Office Redevelopment Strategy
Redevelopment is a significant part of Embassy Reit's strategy. The company was among the first Reits to actively pursue redevelopment. Karnataka's floor area ratio (FAR) norms have improved from 3.25 to 5.2, significantly expanding redevelopment opportunities. With large parks ranging from 65 to 125 acres, the potential for redevelopment is substantial. The company will also evaluate redevelopment opportunities in Mumbai if they are accretive.
Capital Expenditure (Capex) Guidance for FY27
Embassy Reit spent about ₹1,500 crore in FY26 and plans to maintain a similar capex of ₹1,500 crore in FY27. The company has 6.2 msf under development with a total planned spend of ₹3,500 crore. These developments, primarily in Bengaluru and Chennai, are expected to generate about ₹610 crore of NOI at about a 15 per cent yield on cost by FY30. Additionally, the company is building two hotels with 518 keys, with an investment of ₹940 crore, which will generate about ₹250 crore of NOI once stabilised.
Deleveraging Strategy
Embassy Reit's net debt is currently about ₹21,400 crore, with a net debt-to-EBITDA ratio of about 30 per cent. The company aims to reduce this ratio to around 25-28 per cent. Capital recycling is a key part of the strategy, with the company having already sold an asset for about ₹530 crore and acquired a stronger asset. The company is also evaluating the divestment of its hotel portfolio, with proceeds potentially used for acquisitions and deleveraging.

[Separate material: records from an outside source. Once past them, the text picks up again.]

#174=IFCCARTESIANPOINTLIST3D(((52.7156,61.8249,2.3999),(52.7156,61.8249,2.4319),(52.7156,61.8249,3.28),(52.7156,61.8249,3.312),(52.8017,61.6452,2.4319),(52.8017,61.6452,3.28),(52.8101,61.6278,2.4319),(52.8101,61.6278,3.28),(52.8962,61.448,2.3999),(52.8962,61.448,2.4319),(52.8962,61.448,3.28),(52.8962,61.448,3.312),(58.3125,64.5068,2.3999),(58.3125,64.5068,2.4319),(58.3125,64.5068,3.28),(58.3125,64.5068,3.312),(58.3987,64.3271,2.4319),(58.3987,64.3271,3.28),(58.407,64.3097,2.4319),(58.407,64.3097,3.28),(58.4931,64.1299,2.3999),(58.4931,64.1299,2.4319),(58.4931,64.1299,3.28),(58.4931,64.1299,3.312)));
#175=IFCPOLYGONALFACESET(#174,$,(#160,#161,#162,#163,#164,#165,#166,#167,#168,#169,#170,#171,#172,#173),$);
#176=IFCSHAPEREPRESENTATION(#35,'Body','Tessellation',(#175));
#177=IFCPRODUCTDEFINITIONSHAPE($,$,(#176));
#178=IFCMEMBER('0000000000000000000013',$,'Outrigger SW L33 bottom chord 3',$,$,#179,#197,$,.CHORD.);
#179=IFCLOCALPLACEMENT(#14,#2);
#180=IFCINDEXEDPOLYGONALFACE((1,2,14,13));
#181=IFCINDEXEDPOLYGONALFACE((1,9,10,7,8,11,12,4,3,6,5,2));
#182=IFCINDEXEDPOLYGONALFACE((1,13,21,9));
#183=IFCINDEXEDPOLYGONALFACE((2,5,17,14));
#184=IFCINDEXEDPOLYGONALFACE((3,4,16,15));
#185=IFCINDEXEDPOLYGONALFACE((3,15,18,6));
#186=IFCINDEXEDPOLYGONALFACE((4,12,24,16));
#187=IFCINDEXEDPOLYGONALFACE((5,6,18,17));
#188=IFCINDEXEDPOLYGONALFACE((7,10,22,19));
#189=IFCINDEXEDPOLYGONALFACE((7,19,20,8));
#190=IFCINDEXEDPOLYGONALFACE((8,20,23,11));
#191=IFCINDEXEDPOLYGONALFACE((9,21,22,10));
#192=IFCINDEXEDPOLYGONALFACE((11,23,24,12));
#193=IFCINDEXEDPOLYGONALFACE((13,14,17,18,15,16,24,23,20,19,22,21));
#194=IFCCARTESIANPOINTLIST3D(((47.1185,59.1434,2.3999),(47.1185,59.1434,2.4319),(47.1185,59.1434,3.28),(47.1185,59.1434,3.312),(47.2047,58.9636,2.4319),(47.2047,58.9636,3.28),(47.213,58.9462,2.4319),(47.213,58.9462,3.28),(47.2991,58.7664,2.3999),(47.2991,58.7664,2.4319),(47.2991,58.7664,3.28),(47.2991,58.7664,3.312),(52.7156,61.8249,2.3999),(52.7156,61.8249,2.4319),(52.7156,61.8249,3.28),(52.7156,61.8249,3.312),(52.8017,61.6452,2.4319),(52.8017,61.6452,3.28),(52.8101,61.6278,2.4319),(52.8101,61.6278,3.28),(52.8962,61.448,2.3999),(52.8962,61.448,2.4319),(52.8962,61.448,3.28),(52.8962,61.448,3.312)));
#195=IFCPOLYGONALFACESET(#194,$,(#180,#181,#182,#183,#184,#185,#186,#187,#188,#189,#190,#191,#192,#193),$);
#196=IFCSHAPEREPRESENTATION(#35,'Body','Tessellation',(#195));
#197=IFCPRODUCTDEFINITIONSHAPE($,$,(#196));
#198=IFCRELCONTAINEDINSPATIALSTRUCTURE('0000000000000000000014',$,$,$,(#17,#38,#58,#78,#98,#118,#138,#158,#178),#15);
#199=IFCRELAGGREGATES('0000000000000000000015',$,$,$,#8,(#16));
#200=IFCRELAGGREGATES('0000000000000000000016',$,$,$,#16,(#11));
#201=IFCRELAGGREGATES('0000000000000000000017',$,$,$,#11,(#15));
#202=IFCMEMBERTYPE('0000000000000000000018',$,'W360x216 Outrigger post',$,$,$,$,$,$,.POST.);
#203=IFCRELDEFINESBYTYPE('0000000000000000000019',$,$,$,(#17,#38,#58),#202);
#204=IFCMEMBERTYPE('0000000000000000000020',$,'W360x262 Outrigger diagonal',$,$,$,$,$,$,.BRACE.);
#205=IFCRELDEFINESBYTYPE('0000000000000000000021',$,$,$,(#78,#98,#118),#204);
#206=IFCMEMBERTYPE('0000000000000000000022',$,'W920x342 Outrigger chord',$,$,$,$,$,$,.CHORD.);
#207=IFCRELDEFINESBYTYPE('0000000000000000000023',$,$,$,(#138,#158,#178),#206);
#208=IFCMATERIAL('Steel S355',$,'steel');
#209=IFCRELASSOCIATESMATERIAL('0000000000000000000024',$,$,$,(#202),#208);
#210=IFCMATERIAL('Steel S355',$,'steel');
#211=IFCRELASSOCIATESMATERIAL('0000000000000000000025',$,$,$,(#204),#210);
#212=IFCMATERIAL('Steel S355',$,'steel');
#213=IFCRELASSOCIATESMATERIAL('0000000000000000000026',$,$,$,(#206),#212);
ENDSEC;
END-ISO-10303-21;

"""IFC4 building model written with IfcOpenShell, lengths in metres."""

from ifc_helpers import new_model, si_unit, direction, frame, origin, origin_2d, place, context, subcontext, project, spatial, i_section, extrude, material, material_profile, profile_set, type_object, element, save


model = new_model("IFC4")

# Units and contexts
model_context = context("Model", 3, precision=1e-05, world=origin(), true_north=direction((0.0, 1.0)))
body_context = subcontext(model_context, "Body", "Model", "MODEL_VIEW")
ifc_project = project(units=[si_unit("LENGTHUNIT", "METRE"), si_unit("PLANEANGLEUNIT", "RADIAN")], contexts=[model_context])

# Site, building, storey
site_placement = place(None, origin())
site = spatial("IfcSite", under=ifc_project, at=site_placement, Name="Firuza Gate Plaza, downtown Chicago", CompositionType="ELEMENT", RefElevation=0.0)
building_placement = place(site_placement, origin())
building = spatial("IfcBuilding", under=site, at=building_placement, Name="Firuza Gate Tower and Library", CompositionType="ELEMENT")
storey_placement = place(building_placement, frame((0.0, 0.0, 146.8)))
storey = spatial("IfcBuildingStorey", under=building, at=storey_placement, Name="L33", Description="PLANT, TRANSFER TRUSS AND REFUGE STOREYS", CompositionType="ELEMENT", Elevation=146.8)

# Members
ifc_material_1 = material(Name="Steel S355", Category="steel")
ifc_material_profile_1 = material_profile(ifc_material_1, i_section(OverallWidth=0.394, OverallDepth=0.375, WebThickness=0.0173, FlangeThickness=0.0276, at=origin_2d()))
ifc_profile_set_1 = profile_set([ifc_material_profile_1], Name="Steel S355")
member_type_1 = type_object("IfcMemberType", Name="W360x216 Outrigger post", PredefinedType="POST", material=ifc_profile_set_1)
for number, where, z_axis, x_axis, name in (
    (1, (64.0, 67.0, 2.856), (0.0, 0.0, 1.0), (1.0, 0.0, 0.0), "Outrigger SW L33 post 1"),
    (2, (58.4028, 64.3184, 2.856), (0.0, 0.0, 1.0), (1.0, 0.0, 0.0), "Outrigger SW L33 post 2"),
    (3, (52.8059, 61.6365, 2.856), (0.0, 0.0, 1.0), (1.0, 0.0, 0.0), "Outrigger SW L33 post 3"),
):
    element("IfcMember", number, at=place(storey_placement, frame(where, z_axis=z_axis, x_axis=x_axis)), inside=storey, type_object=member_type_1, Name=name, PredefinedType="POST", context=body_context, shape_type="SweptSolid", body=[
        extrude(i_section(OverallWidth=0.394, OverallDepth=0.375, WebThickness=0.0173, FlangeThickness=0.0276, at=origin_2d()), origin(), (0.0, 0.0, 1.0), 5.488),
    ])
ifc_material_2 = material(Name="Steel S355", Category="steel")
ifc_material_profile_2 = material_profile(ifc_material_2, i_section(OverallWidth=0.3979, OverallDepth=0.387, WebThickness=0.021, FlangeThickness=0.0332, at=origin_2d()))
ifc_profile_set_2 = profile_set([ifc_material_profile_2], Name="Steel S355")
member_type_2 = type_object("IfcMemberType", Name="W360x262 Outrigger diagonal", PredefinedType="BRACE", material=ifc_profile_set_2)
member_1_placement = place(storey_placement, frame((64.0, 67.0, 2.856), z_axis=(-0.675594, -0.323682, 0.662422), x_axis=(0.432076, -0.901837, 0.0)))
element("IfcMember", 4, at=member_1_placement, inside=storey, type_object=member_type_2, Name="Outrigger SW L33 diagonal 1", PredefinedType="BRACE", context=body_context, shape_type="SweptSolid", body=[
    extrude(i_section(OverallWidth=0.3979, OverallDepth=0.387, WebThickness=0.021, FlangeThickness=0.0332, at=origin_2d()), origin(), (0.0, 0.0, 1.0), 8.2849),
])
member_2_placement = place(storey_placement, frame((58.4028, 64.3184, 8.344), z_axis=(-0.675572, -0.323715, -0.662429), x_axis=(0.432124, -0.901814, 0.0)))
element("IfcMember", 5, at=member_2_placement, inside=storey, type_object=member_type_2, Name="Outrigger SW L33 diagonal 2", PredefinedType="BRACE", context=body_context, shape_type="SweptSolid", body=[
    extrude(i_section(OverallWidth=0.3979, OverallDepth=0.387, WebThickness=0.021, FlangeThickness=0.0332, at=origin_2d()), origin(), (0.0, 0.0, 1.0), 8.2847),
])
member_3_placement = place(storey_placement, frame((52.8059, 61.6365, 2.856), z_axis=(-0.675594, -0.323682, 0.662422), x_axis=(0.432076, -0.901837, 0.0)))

Future Plans and Gross Asset Value
Embassy Reit's gross asset value is currently about ₹70,500 crore. The company plans to acquire 10-12 msf of office assets in addition to its ongoing development pipeline. This strategy is expected to further enhance the company's growth and market position.
Embassy Reit's comprehensive approach to growth, including strategic acquisitions, redevelopment, and a focus on high-demand markets, positions the company well for future success in the dynamic Indian real estate sector.